7. The method of claim 6, wherein the method further comprises:

randomly adjusting a plurality of current control parameters for a plurality of times according to the plurality of parameter adjustment step sizes to generate a plurality of control parameter sets to be optimized;

traversing the plurality of control parameter sets to be optimized for fitness analysis to generate a plurality of fitness;

selecting a control parameter set to be optimized corresponding to the maximum value in the plurality of fitness as a stage control parameter set;

randomly adjusting the phase control parameter set according to a plurality of parameter adjustment step sizes to generate a plurality of phase control parameter sets to be optimized;

performing fitness analysis on the plurality of to-be-optimized stage control parameter sets, and selecting a to-be-optimized stage control parameter set corresponding to the maximum fitness value to update the stage control parameter set;

and (3) performing iterative optimization for a plurality of times, and taking a stage control parameter set corresponding to the maximum adaptation value in the iterative process as a target control parameter set.

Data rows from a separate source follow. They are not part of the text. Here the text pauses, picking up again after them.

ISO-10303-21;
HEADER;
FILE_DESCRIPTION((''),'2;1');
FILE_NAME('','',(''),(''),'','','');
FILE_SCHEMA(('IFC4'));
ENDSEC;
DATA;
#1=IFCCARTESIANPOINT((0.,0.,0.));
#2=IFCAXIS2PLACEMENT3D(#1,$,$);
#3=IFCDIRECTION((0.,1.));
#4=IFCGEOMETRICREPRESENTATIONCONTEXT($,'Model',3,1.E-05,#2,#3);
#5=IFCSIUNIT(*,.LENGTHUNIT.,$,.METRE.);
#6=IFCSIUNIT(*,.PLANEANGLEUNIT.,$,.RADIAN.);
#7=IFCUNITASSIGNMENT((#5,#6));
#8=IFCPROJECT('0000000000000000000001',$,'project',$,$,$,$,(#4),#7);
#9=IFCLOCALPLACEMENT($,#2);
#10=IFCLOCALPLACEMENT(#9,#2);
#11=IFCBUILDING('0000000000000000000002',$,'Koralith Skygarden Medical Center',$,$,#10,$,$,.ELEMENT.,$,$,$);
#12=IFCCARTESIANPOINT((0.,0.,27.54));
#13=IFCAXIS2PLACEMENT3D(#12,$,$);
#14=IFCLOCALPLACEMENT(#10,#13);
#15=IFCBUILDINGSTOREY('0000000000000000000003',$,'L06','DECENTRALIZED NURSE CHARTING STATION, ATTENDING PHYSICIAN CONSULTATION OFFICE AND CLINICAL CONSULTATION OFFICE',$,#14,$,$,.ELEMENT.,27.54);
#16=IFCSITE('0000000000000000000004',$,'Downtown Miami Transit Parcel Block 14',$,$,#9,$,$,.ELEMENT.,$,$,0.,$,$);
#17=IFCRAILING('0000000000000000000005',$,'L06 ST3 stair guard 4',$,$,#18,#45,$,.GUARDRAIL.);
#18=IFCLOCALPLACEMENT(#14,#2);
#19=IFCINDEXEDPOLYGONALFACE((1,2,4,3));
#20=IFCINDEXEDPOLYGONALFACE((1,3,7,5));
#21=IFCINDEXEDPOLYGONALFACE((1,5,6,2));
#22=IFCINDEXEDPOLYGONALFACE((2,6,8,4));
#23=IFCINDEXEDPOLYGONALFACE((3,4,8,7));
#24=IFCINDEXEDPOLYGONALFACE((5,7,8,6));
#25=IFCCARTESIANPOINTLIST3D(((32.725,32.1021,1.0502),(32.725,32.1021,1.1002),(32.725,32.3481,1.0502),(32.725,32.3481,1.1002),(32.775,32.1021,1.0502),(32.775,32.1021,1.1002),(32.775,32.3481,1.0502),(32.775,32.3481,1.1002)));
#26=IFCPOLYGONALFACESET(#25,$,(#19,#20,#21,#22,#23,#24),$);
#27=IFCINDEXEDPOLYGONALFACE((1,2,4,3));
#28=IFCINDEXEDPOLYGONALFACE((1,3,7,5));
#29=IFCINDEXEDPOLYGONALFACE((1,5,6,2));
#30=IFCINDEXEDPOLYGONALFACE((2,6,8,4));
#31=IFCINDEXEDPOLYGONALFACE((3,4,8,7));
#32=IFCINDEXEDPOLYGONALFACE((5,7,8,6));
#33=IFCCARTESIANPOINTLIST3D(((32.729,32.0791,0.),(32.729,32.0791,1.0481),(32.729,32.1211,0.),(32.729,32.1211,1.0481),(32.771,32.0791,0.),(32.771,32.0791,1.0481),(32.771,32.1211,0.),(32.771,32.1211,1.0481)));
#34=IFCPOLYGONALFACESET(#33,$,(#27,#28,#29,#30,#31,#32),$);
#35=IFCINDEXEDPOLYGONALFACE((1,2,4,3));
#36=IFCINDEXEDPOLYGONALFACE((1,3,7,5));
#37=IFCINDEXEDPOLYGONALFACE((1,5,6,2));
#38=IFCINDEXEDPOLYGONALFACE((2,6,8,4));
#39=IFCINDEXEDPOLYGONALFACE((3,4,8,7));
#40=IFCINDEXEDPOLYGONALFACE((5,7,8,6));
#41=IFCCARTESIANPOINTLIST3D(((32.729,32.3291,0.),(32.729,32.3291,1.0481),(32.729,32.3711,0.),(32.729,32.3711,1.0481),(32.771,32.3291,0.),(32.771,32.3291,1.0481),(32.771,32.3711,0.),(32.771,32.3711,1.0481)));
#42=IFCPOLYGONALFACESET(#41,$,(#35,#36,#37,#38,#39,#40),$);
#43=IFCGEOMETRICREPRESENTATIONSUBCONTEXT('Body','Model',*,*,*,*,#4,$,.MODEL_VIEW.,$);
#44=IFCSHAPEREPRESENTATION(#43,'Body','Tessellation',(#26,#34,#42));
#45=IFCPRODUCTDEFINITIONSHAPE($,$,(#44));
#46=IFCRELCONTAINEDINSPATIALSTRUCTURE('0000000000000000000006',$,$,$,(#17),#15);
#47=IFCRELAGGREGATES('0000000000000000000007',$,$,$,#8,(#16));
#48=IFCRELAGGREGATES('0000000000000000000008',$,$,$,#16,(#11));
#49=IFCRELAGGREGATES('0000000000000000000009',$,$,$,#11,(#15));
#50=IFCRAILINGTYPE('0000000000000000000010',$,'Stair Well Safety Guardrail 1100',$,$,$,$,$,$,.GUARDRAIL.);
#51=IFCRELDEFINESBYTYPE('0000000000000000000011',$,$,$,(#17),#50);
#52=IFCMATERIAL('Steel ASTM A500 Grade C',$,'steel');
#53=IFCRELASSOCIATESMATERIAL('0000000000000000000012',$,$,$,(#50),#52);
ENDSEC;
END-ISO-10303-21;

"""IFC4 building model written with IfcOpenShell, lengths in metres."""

from ifc_helpers import new_model, si_unit, direction, frame, origin, origin_2d, place, context, subcontext, project, spatial, rectangle, extrude, material, type_object, element, save


model = new_model("IFC4")

# Units and contexts
model_context = context("Model", 3, precision=1e-05, world=origin(), true_north=direction((0.0, 1.0)))
body_context = subcontext(model_context, "Body", "Model", "MODEL_VIEW")
ifc_project = project(units=[si_unit("LENGTHUNIT", "METRE"), si_unit("PLANEANGLEUNIT", "RADIAN")], contexts=[model_context])

# Site, building, storey
site_placement = place(None, origin())
site = spatial("IfcSite", under=ifc_project, at=site_placement, Name="Downtown Miami Transit Parcel Block 14", CompositionType="ELEMENT", RefElevation=0.0)
building_placement = place(site_placement, origin())
building = spatial("IfcBuilding", under=site, at=building_placement, Name="Koralith Skygarden Medical Center", CompositionType="ELEMENT")
storey_placement = place(building_placement, frame((0.0, 0.0, 27.54)))
storey = spatial("IfcBuildingStorey", under=building, at=storey_placement, Name="L06", Description="DECENTRALIZED NURSE CHARTING STATION, ATTENDING PHYSICIAN CONSULTATION OFFICE AND CLINICAL CONSULTATION OFFICE", CompositionType="ELEMENT", Elevation=27.54)

# Railing
ifc_material_1 = material(Name="Steel ASTM A500 Grade C", Category="steel")
railing_type_1 = type_object("IfcRailingType", Name="Stair Well Safety Guardrail 1100", PredefinedType="GUARDRAIL", material=ifc_material_1)
railing_1_placement = place(storey_placement, frame((32.75, 32.1001, 0.0)))
element("IfcRailing", 1, at=railing_1_placement, inside=storey, type_object=railing_type_1, Name="L06 ST3 stair guard 4", PredefinedType="GUARDRAIL", context=body_context, shape_type="SweptSolid", body=[
    extrude(rectangle(XDim=0.05, YDim=0.05, at=origin_2d()), frame((0.0, 0.002, 1.0752), z_axis=(0.0, 1.0, 0.0), x_axis=(-1.0, 0.0, 0.0)), (0.0, 0.0, 1.0), 0.2461),
    extrude(rectangle(XDim=0.042, YDim=0.042, at=origin_2d()), origin(), (0.0, 0.0, 1.0), 1.0481),
    extrude(rectangle(XDim=0.042, YDim=0.042, at=origin_2d()), frame((0.0, 0.25, 0.0)), (0.0, 0.0, 1.0), 1.0481),
])

save(model, "model.ifc")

8. A satellite thermal control system intelligent control system based on space thermal environment prediction, which is used for implementing the satellite thermal control system intelligent control method based on space thermal environment prediction according to any one of claims 1-7, wherein the system comprises:

The historical thermal environment data set acquisition module is used for acquiring the spatial thermal environment data of the target satellite in a preset historical window and generating a historical thermal environment data set;

the thermal environment prediction network layer obtaining module is used for carrying out characteristic analysis based on the historical thermal environment data set to construct a thermal environment prediction network layer;

the system comprises a plurality of control parameter deviation factor obtaining modules, a plurality of control parameter deviation factor determining module and a control parameter deviation factor determining module, wherein the plurality of control parameter deviation factor obtaining modules are used for generating a plurality of control parameter deviation factors through working condition deviation analysis on a historical thermal environment data set, the plurality of control parameter deviation factors correspond to a plurality of control parameters of a satellite thermal control system, each control parameter deviation factor has a direction mark, and the direction mark comprises a positive mark and a negative mark;

the target thermal environment data acquisition module is used for acquiring data of the space thermal environment condition of the target satellite at the current moment through the inversion environment parameter acquisition module to generate target thermal environment data;

the target working condition obtaining module is used for analyzing and predicting the target thermal environment data based on the thermal environment prediction network layer to generate a target working condition;

The target control parameter set obtaining module is used for carrying out control parameter optimization based on the target working condition, a plurality of current control parameters and a plurality of control parameter deviation factors to generate a target control parameter set, wherein the target control parameter set comprises a plurality of target control parameters;

and the intelligent control module is used for intelligently controlling the satellite thermal control system of the target satellite by utilizing the target control parameter set.